# Dozer got his Canine Good Citizen last night!



## Jessica H (Mar 14, 2009)

Last night I got to meet kleinenHain who was in NH visiting my breeder and she gave Dozer the CGC. He did really well and I am so happy he is such a good dog. Maybe being so laid back is good for something, lol!

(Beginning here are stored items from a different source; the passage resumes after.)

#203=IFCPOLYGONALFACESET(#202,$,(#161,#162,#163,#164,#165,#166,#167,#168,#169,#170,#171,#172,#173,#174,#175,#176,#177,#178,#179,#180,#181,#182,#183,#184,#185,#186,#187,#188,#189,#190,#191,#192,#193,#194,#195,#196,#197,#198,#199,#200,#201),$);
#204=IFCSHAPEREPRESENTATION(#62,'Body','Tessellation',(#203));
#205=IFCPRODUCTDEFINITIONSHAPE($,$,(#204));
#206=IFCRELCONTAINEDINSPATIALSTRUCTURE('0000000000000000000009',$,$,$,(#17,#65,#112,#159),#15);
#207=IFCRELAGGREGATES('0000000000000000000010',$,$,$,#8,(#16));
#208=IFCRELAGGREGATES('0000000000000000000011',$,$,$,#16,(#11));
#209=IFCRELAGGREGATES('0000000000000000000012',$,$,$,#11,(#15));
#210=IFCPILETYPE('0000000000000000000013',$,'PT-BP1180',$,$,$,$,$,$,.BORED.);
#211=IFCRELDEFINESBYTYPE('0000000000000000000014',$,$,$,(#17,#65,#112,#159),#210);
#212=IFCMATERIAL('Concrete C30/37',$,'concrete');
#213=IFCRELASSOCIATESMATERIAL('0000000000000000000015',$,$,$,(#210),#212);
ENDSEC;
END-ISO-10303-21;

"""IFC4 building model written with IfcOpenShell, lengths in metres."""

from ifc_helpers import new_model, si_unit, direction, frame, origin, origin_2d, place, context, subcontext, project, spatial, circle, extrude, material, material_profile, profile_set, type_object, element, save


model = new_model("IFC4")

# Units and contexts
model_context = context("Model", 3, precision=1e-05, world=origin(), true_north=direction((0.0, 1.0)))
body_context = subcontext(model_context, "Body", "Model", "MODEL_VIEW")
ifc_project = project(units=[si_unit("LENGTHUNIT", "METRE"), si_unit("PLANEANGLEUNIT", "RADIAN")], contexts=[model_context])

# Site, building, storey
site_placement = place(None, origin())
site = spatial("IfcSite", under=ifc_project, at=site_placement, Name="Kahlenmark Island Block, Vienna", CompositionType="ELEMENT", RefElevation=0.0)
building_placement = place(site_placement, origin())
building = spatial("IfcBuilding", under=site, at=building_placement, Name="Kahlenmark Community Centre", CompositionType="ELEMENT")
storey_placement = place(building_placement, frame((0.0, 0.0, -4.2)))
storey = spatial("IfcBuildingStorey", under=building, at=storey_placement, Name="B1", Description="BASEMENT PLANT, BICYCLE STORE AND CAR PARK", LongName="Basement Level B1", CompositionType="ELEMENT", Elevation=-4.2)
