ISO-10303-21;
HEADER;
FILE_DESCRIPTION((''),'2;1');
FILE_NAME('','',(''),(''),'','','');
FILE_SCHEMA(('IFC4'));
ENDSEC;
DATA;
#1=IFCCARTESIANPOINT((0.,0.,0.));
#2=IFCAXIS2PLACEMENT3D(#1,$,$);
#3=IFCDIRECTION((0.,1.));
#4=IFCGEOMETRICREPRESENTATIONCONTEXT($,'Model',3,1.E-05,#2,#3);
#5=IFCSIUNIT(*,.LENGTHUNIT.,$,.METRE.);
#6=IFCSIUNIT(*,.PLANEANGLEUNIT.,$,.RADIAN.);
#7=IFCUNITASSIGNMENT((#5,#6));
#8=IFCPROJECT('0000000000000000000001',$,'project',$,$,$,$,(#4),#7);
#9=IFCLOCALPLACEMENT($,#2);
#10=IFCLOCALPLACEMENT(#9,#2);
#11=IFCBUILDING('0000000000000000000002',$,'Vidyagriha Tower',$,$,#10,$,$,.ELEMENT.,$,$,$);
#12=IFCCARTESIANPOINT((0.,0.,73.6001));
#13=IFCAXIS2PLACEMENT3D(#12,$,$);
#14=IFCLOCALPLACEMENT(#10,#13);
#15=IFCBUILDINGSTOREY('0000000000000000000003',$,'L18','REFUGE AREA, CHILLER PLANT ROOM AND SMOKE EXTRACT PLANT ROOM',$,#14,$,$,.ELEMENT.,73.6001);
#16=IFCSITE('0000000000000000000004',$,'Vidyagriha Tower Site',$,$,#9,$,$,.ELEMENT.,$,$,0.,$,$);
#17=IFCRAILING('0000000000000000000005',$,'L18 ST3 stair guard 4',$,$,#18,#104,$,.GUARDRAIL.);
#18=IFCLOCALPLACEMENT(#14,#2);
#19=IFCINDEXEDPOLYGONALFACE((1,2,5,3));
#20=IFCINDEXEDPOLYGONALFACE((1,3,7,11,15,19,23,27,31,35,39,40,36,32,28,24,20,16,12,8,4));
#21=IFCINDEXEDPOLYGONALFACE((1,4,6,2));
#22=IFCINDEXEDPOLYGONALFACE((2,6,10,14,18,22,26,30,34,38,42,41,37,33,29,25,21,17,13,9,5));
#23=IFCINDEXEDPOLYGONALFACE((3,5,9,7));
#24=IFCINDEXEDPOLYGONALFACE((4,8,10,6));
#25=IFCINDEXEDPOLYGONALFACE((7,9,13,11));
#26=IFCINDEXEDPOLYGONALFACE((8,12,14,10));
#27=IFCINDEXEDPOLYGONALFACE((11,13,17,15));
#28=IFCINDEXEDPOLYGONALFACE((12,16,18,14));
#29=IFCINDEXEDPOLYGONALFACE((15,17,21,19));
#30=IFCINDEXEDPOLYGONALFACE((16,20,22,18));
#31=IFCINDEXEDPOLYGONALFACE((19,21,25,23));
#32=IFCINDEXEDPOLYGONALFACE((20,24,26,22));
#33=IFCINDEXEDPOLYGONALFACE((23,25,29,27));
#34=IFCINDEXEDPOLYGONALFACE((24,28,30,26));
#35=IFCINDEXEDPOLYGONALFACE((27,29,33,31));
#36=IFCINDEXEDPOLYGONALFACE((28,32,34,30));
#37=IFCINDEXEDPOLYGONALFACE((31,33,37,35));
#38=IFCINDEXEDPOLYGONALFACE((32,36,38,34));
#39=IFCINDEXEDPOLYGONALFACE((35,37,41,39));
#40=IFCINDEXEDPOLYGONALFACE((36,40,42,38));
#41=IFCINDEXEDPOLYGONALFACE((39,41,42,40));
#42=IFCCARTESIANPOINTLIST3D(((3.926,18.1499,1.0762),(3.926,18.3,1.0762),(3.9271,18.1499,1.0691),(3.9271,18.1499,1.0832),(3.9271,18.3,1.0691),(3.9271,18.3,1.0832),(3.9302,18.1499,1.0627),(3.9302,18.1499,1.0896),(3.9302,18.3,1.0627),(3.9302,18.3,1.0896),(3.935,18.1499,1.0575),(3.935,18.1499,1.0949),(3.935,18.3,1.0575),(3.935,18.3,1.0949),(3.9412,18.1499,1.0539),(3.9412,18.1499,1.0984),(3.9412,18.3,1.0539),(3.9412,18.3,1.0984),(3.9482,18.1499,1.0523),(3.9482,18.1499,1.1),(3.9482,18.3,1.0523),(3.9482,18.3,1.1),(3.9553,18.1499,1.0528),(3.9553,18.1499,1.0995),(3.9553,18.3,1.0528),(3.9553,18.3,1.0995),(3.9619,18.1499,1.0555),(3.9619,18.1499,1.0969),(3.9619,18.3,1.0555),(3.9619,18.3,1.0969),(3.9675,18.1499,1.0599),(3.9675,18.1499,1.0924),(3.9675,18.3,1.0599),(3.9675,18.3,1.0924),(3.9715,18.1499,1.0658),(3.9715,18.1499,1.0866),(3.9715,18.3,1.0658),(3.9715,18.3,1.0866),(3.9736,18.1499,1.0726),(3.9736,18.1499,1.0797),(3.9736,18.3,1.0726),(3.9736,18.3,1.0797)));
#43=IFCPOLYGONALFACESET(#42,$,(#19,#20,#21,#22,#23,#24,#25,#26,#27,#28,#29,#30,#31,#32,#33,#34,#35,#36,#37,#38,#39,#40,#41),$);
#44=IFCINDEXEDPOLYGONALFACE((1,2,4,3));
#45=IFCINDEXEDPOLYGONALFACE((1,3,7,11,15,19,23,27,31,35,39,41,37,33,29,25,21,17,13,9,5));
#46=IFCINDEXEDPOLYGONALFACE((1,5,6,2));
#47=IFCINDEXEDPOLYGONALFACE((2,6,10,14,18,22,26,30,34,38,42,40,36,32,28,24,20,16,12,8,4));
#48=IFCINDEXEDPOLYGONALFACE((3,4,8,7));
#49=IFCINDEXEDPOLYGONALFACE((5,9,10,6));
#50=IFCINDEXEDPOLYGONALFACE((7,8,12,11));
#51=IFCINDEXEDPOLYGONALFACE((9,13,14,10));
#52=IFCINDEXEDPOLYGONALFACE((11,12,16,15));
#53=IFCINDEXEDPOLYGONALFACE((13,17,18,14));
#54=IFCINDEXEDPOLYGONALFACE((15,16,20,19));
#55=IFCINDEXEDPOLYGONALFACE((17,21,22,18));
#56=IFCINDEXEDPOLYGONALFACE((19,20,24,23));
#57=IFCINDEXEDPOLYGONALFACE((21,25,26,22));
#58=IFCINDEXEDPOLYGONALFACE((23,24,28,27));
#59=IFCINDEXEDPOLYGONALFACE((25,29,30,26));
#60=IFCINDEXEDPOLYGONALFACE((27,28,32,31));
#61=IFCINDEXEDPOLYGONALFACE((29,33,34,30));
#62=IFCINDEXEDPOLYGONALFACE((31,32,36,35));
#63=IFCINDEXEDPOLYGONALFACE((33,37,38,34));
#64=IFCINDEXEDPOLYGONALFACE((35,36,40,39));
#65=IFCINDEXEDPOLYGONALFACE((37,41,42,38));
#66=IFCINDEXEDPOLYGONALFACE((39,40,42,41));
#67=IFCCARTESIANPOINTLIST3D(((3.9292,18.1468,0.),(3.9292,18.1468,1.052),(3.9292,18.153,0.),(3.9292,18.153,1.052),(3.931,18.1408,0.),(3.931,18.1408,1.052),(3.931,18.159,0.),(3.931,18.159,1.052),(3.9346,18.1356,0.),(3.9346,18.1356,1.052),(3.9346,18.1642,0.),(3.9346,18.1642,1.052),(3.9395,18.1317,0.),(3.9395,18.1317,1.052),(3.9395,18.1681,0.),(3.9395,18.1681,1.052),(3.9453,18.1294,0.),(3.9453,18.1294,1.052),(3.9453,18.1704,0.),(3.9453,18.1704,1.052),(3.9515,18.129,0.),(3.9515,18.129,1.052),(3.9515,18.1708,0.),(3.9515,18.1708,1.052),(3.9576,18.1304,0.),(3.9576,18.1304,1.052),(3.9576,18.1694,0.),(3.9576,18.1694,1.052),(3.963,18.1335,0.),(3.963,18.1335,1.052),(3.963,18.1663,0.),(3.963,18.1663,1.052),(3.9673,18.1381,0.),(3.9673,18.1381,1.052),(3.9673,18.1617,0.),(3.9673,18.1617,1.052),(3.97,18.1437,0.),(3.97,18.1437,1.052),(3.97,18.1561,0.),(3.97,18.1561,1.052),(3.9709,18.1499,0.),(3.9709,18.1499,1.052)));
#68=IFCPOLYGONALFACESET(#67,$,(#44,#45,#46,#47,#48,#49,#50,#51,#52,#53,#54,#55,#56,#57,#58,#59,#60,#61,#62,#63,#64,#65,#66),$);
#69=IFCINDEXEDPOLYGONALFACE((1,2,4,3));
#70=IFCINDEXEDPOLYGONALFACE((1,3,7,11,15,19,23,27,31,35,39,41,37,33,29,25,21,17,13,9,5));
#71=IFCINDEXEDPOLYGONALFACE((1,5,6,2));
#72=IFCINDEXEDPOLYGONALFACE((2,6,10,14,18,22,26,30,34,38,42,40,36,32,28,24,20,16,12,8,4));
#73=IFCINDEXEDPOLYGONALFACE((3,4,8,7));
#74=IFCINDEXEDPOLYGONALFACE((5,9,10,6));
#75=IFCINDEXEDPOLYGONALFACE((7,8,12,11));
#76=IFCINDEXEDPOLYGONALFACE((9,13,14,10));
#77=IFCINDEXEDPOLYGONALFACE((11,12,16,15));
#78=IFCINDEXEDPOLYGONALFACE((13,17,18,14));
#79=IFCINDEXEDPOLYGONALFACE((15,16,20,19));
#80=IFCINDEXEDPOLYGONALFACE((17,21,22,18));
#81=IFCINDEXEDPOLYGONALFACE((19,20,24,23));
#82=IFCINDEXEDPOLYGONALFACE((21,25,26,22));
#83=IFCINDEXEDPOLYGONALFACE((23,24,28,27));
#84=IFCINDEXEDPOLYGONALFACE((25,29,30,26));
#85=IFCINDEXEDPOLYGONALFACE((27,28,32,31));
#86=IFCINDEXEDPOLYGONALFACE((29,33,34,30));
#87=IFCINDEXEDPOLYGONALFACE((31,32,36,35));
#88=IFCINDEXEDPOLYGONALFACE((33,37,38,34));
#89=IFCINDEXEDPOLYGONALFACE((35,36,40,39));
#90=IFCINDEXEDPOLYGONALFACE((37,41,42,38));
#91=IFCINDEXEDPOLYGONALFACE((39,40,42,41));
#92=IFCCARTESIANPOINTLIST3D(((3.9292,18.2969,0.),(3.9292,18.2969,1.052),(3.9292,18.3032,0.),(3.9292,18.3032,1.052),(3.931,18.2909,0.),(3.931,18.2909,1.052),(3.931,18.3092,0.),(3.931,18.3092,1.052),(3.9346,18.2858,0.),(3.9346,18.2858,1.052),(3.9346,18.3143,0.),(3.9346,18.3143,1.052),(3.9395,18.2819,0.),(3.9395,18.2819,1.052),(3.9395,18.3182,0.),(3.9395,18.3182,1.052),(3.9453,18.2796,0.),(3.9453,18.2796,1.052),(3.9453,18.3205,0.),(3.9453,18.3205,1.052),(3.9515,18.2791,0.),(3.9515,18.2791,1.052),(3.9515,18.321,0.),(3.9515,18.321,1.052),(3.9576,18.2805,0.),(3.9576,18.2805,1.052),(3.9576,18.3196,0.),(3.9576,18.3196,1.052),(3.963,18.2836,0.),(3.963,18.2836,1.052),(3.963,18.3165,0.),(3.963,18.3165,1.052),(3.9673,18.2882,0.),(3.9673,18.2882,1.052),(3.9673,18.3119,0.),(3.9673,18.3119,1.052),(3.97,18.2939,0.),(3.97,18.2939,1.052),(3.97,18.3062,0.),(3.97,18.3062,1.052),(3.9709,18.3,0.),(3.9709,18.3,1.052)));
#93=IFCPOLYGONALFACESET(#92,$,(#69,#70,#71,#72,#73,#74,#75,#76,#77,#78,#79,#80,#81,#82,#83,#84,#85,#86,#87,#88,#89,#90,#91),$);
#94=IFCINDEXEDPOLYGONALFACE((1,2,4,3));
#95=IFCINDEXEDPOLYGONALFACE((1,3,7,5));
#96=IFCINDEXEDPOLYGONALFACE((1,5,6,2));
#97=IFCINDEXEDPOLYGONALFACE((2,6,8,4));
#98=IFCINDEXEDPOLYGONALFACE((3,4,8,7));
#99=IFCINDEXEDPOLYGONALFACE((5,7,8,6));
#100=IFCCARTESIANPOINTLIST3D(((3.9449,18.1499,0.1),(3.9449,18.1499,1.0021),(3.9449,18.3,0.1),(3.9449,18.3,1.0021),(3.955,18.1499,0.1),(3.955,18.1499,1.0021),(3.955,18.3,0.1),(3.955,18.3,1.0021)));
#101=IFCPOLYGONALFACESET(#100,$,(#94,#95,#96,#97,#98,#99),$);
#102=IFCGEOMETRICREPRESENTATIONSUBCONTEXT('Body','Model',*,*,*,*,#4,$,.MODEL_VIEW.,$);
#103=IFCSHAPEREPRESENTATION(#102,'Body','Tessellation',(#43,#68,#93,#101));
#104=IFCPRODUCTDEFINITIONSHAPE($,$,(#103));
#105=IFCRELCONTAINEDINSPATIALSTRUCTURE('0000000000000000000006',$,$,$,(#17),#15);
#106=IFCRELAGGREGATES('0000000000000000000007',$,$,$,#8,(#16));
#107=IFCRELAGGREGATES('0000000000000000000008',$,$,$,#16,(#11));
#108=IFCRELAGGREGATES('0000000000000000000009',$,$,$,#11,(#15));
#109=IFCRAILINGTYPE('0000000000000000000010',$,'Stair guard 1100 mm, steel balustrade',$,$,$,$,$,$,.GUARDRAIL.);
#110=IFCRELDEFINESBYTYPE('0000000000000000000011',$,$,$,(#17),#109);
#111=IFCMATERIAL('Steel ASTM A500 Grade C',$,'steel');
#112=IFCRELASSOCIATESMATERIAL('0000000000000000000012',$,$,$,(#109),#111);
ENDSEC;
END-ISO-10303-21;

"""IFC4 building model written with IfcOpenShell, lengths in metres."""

from ifc_helpers import new_model, si_unit, direction, frame, origin, origin_2d, place, context, subcontext, project, spatial, rectangle, circle, extrude, material, type_object, element, save


model = new_model("IFC4")

# Units and contexts
model_context = context("Model", 3, precision=1e-05, world=origin(), true_north=direction((0.0, 1.0)))
body_context = subcontext(model_context, "Body", "Model", "MODEL_VIEW")
ifc_project = project(units=[si_unit("LENGTHUNIT", "METRE"), si_unit("PLANEANGLEUNIT", "RADIAN")], contexts=[model_context])

# Site, building, storey
site_placement = place(None, origin())
site = spatial("IfcSite", under=ifc_project, at=site_placement, Name="Vidyagriha Tower Site", CompositionType="ELEMENT", RefElevation=0.0)
building_placement = place(site_placement, origin())
building = spatial("IfcBuilding", under=site, at=building_placement, Name="Vidyagriha Tower", CompositionType="ELEMENT")
storey_placement = place(building_placement, frame((0.0, 0.0, 73.6001)))
storey = spatial("IfcBuildingStorey", under=building, at=storey_placement, Name="L18", Description="REFUGE AREA, CHILLER PLANT ROOM AND SMOKE EXTRACT PLANT ROOM", CompositionType="ELEMENT", Elevation=73.6001)

# Railing
ifc_material_1 = material(Name="Steel ASTM A500 Grade C", Category="steel")
railing_type_1 = type_object("IfcRailingType", Name="Stair guard 1100 mm, steel balustrade", PredefinedType="GUARDRAIL", material=ifc_material_1)
railing_1_placement = place(storey_placement, frame((3.95, 18.1499, 0.0)))
element("IfcRailing", 1, at=railing_1_placement, inside=storey, type_object=railing_type_1, Name="L18 ST3 stair guard 4", PredefinedType="GUARDRAIL", context=body_context, shape_type="SweptSolid", body=[
    extrude(circle(Radius=0.0239, at=origin_2d()), frame((0.0, 0.0, 1.0762), z_axis=(0.0, 1.0, 0.0), x_axis=(-1.0, 0.0, 0.0)), (0.0, 0.0, 1.0), 0.1501),
    extrude(circle(Radius=0.021, at=origin_2d()), origin(), (0.0, 0.0, 1.0), 1.052),
    extrude(circle(Radius=0.021, at=origin_2d()), frame((0.0, 0.1501, 0.0)), (0.0, 0.0, 1.0), 1.052),
    extrude(rectangle(XDim=0.01, YDim=0.9021, at=origin_2d()), frame((0.0, 0.0, 0.551), z_axis=(0.0, 1.0, 0.0), x_axis=(-1.0, 0.0, 0.0)), (0.0, 0.0, 1.0), 0.1501),
])

save(model, "model.ifc")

I really want to do Therapy Dog but I have to wait until he is a year old.


----------



## HeidiW (Apr 9, 2009)

Congratulations to Dozer! Do you have any bigger piks of Dozer he looks like a handsome bi-color but I want to see upclose I need glasses.

Who is your breeder?


----------



## Jessica H (Mar 14, 2009)

Here are some bigger pics. He is the best, he is so laid back and so handsome. I get stopped on the street and people wait by my car to ask me about him. I think it is b/c people are used the sables and saddlebacks.

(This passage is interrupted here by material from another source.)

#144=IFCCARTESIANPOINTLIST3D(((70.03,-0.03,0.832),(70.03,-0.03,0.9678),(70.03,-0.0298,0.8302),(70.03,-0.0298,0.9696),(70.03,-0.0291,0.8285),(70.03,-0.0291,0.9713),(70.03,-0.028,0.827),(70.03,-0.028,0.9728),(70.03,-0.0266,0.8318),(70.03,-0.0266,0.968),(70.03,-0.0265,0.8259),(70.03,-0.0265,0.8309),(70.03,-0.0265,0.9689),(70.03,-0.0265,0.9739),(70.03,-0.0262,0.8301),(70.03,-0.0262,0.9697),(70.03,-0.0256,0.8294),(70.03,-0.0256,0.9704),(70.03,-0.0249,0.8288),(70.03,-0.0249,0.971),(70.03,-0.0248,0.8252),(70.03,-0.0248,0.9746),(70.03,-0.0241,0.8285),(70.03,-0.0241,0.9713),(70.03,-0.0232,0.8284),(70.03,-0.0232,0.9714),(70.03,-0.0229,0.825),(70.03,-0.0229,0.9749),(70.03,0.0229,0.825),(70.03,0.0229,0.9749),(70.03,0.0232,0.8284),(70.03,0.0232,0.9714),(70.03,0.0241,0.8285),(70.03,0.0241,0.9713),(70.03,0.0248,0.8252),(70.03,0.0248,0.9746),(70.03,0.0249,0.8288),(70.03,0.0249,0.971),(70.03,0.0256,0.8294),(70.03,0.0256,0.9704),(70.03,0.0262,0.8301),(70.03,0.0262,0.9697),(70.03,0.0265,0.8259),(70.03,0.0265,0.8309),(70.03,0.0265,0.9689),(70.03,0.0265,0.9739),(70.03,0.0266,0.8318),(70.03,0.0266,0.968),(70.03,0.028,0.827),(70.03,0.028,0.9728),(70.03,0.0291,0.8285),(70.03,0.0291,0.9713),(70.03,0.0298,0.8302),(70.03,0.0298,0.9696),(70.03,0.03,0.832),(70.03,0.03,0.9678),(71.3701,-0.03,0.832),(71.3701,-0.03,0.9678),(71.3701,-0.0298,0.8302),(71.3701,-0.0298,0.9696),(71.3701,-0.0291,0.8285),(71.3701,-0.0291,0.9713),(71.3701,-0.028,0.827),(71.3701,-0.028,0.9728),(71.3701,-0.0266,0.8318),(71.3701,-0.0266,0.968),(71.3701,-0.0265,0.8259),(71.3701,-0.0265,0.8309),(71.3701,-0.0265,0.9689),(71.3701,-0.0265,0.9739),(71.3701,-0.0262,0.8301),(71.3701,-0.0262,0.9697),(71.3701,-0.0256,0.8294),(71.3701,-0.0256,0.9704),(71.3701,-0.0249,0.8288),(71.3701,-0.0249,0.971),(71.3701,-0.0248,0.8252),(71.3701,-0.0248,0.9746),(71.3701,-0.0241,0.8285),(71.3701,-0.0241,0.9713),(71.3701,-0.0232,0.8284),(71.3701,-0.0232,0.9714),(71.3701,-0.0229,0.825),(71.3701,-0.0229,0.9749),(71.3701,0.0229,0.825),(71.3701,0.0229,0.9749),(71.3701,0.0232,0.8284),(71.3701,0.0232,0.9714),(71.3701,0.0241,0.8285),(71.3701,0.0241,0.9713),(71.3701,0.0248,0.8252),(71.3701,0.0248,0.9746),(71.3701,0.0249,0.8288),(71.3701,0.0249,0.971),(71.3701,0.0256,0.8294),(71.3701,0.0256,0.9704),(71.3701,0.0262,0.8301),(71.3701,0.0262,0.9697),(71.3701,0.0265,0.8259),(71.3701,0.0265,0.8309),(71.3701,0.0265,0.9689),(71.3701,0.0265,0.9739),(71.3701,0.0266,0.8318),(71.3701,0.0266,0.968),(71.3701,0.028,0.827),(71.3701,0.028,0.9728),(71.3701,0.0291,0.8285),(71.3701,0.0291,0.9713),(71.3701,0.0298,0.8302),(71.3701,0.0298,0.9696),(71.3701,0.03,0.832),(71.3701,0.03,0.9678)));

My breeder is Pam Lake, Von Hena-C in Webster. She is great and her dogs are wonderful!!!!

These were from months ago, he has gotten much bigger and he is getting more of the adult look. I need to take more soon before he is full grown.


----------



## SunCzarina (Nov 24, 2000)

Cousin Otto says way to go Dozer! He's so handsome now, that head is going to be tremendous.


----------



## HeidiW (Apr 9, 2009)

Oh yea, I heard of them/her! He is a handsome guy. I wanted Bi-Color also but I could not find one at the time. Oh well I love my guys. Black/tan female and Sable guy my first sable so I am excited about what he will look like.


----------



## Kayla's Dad (Jul 2, 2007)

Dozer on getting your C.G.C.


----------



## Skye'sMom (Jul 11, 2004)

Congrats, Dozer for getting your CGC! And so young - you should have no problem becoming a therapy dog when you are old enough.


----------



## Cassidy's Mom (Mar 30, 2003)

Great job!


----------



## JakodaCD OA (May 14, 2000)

Congrats Dozer !! Did you meet Masi's "daddy" Max ???))


----------



## Jessica H (Mar 14, 2009)

Yes he met Max. Max is so beautiful and so well trained. Very impressive!!!


----------



## kleinenHain (Sep 20, 2007)

Jess it was a honor to be the one to award Dozer his CGC he is a real love. Dozer will make a wonderful Therapy dog.


----------



## Jessica H (Mar 14, 2009)

Thanks, it was more of an honor to meet Max though, he is a great dog as well.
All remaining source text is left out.